# What is lowest cost ARF



## cronley (20 Mar 2011)

1. I have a large pension pot that I am considering putting into an ARF. I want to keep the annual management fee payable to the ARF provider as low as possible. Can I negotiate an annual fee of no more than €1,000 pa, instead of a % of the fund. Which provider has lowest fees.

2. How does it work- if I got the ARF from, say, Standard Life & invested the pot in an ordinary deposit A/C with, say, Bank of Ireland  - what annual mgt fees arise with Standard Life & BOI - is there mgt fees with both. Is DIRT payable on BOI deposit. Who deducts income tax on my pension drawings from BOI deposit - is it Standard Life or BOI.
If I got ARF from Irish Life & invested pot in Irish Life unit funds - is there annual mgt fee to Irish Life for the ARF, & a second lot of fees on the Irish Life funds. 

Help appreciated.


----------



## eirefinq (20 Mar 2011)

1. i dont think this is possible, you will be charged a % of the investment. Go to a broker and see if he can get you the best deal. 
2. As its a pension arrangement there would be no DIRT. I would imagine Standard would deduct any income tax due from the ARF.
3. Re Irish Life ARF there would be a mgt fee alright, in terms of extra fees - this would depend on the fund I think. I'm pretty sure that Irish Life have a Self Invested Pension Fund which facilitates deposits with a range of banks, share trading etc.


----------



## North Star (20 Mar 2011)

Generally speaking you have a choice of 2 types of ARFs; 1) the Insured option through a life/insurance company which administers the ARF and provides a range of investment option including deposits and also managed funds etc and 2) a self administered ARF where a qualifying fund manager (QFM) administers the ARF and you have to manage the investment process. There are pros and cons for each option and the decision can come down to costs, investment performance track record and how much responsibility you want to take for managing the investments.
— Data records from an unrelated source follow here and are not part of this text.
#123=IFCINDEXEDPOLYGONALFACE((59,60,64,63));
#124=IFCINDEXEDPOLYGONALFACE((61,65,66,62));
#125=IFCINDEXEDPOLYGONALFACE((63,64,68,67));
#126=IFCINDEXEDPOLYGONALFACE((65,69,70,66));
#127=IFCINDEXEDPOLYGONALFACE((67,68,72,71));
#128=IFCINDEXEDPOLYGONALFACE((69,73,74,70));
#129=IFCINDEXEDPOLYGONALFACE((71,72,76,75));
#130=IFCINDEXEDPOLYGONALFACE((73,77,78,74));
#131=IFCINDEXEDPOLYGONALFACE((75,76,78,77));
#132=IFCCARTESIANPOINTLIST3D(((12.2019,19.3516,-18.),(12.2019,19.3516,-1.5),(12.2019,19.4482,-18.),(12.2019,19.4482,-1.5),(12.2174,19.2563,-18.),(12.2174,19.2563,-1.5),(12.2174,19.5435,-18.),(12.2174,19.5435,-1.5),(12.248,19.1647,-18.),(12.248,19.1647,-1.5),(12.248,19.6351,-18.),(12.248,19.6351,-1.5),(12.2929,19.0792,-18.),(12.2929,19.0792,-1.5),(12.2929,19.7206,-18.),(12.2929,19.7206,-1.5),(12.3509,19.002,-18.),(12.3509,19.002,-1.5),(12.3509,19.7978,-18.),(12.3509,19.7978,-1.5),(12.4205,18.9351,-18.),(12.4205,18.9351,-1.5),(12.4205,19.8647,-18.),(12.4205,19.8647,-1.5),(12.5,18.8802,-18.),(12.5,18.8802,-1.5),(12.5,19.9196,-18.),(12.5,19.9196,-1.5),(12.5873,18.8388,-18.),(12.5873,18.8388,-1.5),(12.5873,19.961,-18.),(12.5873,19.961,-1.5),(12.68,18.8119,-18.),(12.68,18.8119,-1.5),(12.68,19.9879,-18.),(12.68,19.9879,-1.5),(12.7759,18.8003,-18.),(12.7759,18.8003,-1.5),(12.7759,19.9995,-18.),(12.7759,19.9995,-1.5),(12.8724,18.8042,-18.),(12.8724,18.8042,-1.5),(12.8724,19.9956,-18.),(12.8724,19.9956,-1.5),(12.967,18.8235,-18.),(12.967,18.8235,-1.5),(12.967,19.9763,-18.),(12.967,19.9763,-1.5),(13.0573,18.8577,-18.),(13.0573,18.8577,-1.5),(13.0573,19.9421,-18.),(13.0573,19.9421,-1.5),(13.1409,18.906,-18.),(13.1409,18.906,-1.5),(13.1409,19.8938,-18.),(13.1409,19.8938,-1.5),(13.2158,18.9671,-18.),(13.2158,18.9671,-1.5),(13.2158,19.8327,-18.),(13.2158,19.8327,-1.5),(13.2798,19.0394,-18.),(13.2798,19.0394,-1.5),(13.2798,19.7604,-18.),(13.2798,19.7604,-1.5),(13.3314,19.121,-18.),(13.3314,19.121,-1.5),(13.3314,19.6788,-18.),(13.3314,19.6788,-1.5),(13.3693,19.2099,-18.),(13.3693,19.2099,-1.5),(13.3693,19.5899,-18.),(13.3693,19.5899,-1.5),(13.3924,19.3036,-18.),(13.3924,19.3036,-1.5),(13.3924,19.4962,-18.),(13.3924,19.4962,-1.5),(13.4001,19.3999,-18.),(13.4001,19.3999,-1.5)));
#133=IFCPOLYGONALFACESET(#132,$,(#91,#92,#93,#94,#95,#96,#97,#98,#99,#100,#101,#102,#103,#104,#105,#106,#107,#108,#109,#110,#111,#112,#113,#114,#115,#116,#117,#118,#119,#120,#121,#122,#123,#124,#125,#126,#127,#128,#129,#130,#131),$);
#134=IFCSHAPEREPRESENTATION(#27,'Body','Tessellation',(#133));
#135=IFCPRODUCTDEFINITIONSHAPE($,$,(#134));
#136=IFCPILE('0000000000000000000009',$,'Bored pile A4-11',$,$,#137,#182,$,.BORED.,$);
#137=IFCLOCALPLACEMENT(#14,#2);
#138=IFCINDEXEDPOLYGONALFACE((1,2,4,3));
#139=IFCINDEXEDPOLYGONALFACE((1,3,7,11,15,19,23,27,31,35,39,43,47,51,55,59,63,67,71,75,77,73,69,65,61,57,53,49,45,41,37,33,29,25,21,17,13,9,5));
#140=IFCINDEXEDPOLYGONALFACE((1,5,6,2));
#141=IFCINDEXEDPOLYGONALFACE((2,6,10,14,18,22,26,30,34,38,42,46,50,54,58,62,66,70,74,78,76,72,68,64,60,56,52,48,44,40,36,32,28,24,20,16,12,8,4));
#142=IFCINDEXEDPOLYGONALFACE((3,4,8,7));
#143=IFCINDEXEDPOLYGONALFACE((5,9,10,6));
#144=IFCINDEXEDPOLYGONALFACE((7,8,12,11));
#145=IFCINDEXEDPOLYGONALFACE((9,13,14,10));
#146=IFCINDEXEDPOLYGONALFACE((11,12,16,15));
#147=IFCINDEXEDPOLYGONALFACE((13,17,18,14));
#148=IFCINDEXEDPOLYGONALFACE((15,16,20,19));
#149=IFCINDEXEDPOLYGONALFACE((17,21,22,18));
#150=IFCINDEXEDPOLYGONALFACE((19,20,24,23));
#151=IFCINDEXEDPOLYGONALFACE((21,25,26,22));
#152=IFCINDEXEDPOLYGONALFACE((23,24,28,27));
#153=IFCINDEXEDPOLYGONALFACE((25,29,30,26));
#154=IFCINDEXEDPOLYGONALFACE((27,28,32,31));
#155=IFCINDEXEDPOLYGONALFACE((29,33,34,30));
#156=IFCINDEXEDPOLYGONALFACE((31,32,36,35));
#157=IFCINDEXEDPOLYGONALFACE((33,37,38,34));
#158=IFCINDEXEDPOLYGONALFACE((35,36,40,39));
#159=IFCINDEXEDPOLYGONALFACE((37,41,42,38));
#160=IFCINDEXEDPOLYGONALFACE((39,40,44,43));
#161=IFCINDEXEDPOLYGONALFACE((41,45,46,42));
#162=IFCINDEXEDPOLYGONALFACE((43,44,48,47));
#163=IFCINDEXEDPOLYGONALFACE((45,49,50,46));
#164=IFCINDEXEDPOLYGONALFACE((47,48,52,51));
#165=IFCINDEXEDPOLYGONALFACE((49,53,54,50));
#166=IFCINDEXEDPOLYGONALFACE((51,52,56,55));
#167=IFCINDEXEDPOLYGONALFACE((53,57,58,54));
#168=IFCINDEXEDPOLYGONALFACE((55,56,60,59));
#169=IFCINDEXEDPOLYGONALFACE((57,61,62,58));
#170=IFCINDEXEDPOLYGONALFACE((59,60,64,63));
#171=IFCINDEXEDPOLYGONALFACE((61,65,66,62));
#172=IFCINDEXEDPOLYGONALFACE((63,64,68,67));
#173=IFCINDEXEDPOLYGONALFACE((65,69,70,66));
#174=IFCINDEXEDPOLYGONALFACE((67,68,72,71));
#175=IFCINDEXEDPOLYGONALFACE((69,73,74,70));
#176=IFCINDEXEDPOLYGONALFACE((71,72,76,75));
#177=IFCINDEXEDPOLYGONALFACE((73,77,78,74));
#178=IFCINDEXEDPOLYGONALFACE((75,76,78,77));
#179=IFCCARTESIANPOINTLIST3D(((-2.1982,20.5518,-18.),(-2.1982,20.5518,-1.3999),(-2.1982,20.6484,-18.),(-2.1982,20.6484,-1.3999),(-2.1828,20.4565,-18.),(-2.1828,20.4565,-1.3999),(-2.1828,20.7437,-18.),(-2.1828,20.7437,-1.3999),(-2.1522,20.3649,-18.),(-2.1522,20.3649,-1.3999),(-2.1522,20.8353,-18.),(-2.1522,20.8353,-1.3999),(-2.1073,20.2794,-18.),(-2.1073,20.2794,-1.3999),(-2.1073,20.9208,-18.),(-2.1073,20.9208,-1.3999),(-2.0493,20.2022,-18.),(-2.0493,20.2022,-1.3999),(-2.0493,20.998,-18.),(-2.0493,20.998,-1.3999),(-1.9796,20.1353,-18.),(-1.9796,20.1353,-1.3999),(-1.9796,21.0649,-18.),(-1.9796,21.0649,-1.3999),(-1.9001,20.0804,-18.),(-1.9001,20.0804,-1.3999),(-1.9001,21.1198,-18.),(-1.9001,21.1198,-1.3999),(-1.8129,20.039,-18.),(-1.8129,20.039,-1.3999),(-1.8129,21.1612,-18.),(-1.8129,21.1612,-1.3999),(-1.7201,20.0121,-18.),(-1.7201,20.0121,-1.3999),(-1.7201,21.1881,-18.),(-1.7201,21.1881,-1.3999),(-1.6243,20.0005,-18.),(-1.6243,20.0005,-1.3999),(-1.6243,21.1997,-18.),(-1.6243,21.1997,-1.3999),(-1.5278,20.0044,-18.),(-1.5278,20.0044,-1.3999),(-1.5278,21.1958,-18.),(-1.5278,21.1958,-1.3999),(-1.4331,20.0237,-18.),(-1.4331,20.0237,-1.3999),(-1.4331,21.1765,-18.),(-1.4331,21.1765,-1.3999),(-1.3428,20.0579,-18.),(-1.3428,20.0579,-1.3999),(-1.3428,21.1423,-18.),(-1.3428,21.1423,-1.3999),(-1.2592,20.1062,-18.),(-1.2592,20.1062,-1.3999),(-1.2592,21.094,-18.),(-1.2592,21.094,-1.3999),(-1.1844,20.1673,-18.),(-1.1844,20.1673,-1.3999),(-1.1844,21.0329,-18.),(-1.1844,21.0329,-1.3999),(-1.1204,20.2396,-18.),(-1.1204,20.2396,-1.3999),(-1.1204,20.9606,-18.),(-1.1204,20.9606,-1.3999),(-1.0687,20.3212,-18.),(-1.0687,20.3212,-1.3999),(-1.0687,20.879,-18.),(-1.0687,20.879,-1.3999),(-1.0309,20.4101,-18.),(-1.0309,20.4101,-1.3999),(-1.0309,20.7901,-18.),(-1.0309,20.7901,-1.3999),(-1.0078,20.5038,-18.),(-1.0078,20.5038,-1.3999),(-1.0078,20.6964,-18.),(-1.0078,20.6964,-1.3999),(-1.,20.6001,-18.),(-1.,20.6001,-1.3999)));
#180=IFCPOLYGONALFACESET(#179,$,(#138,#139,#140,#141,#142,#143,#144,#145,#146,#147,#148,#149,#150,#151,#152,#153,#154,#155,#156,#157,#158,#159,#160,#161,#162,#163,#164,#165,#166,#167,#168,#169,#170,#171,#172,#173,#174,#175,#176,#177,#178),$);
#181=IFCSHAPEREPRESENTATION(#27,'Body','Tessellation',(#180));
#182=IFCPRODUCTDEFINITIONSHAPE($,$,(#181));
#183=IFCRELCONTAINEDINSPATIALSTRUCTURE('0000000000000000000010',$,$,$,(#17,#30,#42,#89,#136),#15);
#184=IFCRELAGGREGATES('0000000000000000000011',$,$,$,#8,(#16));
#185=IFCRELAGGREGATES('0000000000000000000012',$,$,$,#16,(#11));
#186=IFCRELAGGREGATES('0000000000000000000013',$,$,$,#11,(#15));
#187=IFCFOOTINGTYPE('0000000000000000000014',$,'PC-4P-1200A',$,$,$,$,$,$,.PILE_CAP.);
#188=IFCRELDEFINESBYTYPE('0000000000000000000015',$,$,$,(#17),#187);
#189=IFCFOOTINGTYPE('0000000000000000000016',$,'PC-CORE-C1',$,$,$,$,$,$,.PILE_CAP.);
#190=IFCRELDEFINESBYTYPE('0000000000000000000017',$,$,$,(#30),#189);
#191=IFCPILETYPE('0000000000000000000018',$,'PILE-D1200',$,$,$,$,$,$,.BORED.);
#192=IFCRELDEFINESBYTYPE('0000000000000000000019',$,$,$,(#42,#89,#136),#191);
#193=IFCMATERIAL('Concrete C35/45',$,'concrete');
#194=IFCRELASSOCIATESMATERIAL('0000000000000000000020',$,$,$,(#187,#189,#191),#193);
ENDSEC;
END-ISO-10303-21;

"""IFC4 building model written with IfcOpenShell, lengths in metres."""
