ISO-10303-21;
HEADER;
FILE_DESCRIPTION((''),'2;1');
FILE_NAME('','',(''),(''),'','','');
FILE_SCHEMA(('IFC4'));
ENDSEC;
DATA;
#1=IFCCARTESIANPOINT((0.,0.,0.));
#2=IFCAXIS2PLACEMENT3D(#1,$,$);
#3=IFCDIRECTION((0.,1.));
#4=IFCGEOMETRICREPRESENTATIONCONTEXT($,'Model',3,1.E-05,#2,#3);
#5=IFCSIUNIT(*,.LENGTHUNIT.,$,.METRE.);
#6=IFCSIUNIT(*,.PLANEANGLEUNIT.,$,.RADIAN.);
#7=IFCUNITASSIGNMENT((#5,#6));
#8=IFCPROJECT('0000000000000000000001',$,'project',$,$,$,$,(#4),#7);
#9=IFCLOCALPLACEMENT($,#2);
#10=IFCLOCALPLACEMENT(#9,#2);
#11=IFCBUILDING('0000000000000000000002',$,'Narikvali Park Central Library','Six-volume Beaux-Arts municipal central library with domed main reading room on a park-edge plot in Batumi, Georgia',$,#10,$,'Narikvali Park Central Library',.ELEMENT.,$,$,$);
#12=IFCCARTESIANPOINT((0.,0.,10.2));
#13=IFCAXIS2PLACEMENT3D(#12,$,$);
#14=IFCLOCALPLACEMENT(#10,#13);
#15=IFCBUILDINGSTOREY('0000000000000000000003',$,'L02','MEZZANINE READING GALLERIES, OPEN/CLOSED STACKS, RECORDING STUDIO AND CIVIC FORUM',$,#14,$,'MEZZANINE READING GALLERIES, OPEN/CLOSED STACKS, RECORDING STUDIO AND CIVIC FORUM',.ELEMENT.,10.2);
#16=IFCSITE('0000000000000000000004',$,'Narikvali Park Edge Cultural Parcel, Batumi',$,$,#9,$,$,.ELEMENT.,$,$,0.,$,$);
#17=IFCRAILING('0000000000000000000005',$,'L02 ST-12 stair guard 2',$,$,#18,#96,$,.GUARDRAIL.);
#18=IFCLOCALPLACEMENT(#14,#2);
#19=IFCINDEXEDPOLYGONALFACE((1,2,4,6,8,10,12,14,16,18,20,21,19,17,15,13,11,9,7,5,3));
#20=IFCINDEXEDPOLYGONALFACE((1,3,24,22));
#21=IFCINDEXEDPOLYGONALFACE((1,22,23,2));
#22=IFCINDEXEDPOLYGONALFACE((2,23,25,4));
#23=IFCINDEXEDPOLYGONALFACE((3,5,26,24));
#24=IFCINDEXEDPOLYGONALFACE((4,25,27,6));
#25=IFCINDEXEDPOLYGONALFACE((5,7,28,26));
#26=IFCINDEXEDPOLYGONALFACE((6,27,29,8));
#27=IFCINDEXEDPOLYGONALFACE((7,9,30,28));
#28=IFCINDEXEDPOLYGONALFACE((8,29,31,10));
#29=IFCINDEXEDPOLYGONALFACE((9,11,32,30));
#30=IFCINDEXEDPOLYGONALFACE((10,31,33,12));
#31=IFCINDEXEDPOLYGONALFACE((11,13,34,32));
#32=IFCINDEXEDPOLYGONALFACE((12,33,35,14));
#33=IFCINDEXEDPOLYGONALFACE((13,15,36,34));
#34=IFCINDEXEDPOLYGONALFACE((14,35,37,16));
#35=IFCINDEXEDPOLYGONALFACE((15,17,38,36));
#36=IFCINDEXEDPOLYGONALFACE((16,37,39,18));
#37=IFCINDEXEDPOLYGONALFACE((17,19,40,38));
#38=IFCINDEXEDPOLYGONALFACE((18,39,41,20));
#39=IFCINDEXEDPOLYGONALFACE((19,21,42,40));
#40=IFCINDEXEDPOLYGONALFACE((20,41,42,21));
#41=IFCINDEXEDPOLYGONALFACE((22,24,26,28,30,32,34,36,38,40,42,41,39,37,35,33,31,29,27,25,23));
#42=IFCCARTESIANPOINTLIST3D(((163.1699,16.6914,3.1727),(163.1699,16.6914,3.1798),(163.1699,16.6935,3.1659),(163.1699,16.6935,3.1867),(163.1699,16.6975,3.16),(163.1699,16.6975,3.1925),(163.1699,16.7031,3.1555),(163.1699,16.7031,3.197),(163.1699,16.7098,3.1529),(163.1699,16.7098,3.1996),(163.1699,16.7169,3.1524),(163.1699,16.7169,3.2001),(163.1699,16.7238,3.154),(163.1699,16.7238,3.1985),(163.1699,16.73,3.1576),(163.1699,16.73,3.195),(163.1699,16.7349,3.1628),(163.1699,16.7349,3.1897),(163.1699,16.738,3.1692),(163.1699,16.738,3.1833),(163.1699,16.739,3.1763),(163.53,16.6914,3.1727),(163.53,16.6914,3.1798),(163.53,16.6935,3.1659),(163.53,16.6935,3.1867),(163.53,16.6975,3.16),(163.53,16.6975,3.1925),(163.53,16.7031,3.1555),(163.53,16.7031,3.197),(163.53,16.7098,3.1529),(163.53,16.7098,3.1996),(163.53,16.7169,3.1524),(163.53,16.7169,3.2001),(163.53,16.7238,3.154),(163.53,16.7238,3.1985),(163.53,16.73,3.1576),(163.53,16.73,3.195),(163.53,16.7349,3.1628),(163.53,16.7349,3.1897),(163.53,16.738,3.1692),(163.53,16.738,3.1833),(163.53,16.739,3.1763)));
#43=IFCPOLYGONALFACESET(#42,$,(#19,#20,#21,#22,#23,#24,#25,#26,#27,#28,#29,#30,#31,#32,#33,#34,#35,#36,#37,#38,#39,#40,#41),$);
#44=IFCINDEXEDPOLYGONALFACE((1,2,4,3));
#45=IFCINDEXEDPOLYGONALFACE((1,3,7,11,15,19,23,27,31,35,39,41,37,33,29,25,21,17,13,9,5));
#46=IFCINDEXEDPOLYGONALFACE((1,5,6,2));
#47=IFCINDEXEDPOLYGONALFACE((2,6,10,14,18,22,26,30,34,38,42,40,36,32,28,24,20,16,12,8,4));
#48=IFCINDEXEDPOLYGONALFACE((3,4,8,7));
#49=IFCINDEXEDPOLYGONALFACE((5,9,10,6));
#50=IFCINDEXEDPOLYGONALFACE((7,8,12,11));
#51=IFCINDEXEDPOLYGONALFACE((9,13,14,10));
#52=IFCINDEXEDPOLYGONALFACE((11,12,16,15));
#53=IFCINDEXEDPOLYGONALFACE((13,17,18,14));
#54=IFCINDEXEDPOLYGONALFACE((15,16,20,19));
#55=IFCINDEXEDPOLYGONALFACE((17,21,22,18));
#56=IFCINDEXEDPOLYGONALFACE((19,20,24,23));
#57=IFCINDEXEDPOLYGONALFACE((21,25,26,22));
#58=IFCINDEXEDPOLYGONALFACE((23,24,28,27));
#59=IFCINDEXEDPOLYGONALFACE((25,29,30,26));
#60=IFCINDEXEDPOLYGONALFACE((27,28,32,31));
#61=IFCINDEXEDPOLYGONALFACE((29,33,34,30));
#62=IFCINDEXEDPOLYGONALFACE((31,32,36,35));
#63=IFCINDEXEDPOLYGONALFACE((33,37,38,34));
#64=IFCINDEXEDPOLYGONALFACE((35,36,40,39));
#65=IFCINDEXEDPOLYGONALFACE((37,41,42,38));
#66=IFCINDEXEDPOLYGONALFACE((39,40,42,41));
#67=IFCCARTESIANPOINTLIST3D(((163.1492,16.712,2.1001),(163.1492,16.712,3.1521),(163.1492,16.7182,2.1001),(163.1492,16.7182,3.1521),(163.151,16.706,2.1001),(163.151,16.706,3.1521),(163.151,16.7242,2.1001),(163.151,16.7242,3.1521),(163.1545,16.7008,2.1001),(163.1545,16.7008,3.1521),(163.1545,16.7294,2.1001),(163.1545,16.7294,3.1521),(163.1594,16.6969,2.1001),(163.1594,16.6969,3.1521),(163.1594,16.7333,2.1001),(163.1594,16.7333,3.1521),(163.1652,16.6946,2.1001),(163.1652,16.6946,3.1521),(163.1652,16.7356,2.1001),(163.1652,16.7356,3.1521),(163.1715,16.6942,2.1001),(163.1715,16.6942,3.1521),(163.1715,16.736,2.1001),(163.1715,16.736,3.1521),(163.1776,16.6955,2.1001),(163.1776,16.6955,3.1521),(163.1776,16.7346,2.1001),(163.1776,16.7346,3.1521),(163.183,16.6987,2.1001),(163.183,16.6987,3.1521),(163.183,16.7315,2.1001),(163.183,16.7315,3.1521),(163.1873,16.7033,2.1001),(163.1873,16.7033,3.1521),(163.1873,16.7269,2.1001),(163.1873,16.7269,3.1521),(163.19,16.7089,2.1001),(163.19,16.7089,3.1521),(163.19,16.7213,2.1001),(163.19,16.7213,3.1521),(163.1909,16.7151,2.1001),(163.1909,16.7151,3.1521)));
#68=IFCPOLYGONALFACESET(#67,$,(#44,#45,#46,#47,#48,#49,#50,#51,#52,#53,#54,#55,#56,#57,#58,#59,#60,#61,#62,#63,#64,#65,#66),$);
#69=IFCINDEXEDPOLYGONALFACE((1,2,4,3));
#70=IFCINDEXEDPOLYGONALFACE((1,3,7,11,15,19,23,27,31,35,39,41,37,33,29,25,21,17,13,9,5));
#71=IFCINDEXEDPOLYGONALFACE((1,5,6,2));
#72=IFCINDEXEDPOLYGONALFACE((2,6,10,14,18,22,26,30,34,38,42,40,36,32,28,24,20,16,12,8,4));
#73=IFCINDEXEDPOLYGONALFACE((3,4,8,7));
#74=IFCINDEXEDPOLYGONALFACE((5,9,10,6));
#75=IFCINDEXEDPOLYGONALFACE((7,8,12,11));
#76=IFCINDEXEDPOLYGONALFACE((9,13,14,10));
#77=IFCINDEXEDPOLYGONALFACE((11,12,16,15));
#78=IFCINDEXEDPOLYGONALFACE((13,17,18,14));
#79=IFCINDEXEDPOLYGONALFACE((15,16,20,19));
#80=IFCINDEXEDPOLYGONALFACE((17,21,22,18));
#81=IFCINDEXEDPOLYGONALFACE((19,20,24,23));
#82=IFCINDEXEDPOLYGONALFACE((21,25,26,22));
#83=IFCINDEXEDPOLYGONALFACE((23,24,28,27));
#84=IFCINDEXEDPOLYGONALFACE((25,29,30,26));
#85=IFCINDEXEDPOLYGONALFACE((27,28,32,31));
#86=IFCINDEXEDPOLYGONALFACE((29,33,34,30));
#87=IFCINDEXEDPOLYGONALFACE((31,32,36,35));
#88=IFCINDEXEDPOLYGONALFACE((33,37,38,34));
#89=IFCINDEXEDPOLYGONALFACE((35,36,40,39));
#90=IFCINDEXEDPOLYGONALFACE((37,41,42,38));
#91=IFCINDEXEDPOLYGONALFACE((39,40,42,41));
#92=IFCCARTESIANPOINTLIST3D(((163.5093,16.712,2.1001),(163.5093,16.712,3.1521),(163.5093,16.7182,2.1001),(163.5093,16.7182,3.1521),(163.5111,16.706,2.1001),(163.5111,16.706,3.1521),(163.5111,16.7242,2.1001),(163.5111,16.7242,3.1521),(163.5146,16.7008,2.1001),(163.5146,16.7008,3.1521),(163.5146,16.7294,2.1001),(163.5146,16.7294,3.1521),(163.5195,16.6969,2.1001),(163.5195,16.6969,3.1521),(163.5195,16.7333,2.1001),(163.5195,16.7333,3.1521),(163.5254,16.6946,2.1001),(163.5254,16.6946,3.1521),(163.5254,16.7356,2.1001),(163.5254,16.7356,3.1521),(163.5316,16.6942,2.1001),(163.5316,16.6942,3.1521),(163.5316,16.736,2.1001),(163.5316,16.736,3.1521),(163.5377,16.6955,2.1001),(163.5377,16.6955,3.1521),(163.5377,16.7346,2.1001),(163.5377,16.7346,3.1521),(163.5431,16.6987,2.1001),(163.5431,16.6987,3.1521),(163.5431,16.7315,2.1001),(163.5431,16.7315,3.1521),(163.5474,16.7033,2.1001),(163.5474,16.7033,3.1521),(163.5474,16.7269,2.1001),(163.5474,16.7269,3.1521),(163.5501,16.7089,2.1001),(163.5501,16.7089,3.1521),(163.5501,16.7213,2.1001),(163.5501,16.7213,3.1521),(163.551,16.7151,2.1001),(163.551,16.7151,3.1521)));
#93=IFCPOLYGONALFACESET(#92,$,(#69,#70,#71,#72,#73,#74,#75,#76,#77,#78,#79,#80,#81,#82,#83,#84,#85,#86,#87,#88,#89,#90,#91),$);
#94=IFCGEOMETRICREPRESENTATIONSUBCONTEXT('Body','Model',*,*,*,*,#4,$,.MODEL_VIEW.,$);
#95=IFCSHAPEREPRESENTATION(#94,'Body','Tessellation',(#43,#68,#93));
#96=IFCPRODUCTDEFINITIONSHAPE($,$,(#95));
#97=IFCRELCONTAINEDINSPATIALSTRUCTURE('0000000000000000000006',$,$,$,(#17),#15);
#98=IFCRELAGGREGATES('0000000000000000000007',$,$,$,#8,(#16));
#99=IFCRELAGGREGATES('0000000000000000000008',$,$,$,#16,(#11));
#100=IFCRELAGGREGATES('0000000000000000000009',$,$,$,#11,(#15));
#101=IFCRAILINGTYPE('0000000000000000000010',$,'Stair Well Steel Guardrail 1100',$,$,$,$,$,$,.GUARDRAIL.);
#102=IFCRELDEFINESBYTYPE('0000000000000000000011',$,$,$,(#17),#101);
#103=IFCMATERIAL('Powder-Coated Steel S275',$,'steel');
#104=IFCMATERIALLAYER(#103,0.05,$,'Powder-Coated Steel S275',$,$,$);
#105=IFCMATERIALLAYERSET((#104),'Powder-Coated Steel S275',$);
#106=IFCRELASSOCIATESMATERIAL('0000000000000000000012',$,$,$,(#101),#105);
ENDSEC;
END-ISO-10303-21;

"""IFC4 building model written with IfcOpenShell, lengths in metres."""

from ifc_helpers import new_model, si_unit, direction, frame, origin, origin_2d, place, context, subcontext, project, spatial, circle, extrude, material, layer, layer_set, type_object, element, save


model = new_model("IFC4")

# Units and contexts
model_context = context("Model", 3, precision=1e-05, world=origin(), true_north=direction((0.0, 1.0)))
body_context = subcontext(model_context, "Body", "Model", "MODEL_VIEW")
ifc_project = project(units=[si_unit("LENGTHUNIT", "METRE"), si_unit("PLANEANGLEUNIT", "RADIAN")], contexts=[model_context])

# Site, building, storey
site_placement = place(None, origin())
site = spatial("IfcSite", under=ifc_project, at=site_placement, Name="Narikvali Park Edge Cultural Parcel, Batumi", CompositionType="ELEMENT", RefElevation=0.0)
building_placement = place(site_placement, origin())
building = spatial("IfcBuilding", under=site, at=building_placement, Name="Narikvali Park Central Library", Description="Six-volume Beaux-Arts municipal central library with domed main reading room on a park-edge plot in Batumi, Georgia", LongName="Narikvali Park Central Library", CompositionType="ELEMENT")
storey_placement = place(building_placement, frame((0.0, 0.0, 10.2)))
storey = spatial("IfcBuildingStorey", under=building, at=storey_placement, Name="L02", Description="MEZZANINE READING GALLERIES, OPEN/CLOSED STACKS, RECORDING STUDIO AND CIVIC FORUM", LongName="MEZZANINE READING GALLERIES, OPEN/CLOSED STACKS, RECORDING STUDIO AND CIVIC FORUM", CompositionType="ELEMENT", Elevation=10.2)

# Railing
ifc_material_1 = material(Name="Powder-Coated Steel S275", Category="steel")
ifc_layer_1 = layer(ifc_material_1, 0.05, Name="Powder-Coated Steel S275")
ifc_layer_set_1 = layer_set([ifc_layer_1], Name="Powder-Coated Steel S275")
railing_type_1 = type_object("IfcRailingType", Name="Stair Well Steel Guardrail 1100", PredefinedType="GUARDRAIL", material=ifc_layer_set_1)
railing_1_placement = place(storey_placement, frame((163.1699, 16.7151, 2.1001)))
element("IfcRailing", 1, at=railing_1_placement, inside=storey, type_object=railing_type_1, Name="L02 ST-12 stair guard 2", PredefinedType="GUARDRAIL", context=body_context, shape_type="SweptSolid", body=[
    extrude(circle(Radius=0.0239, at=origin_2d()), frame((0.0, 0.0, 1.0762), z_axis=(1.0, 0.0, 0.0), x_axis=(0.0, 1.0, 0.0)), (0.0, 0.0, 1.0), 0.3601),
    extrude(circle(Radius=0.021, at=origin_2d()), origin(), (0.0, 0.0, 1.0), 1.052),
    extrude(circle(Radius=0.021, at=origin_2d()), frame((0.3601, 0.0, 0.0)), (0.0, 0.0, 1.0), 1.052),
])

save(model, "model.ifc")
If you go with the insured option you will be charged an annual management fee or AMC ( % of fund ) if you choose to place funds on deposit you are only charged the AMC once. eg in your example Standard life AMC is 1% and if you earn 2.5% on deposit you will earn 1.5% net after the AMC. You will have to draw down at least 5% of your ARF per annum ( revenue rule) and this is treated as income and taxed at your marginal rate ( depends what total income you are earning) 

The tax treatment is the same for the self administered ARF but the QFM will charge a set up fee and an ongoing administration charge so you need to compare total costs which may vary depending on the amount you invest in the ARF/AMRF

The self administered option may well have lowers ongoing costs but the insured option may provide you with a net allocation above 100% which offsets the higher ongoing costs. 
This is just a brief comment; you could well be advised to do a thorough review or get a fee based firm to provide you with this review.  You can then make a well informed decision as to which option suits your requirements best.


----------



## Marc (21 Mar 2011)

It depends how big the pension fund is. 

Some QFMs will cap their fees but you need a few million in the pot.


----------



## wallym (7 Oct 2014)

*Becoming my own QFM*

Hi There, I'm new to the forum so as way of introduction I'm in my 50's, studying for the QFA with a view to specializing in pensions. Is there an option to become a QFM after that and therefore manage my own pension, while generating an income as QFM for others - probably not as simple as that but just interested to see if there are any options to reduce ARF overheads.

Cheers, Wally...


----------



## Steven Barrett (8 Oct 2014)

There is a charge to run the fund and a management charge to run the policy. Insurance companies don't disclose the cost of running the fund, just the policy (AMC). 

If you go self directed, you will be told the cost of running the fund itself. 


Steven
www.bluewaterfp.ie


----------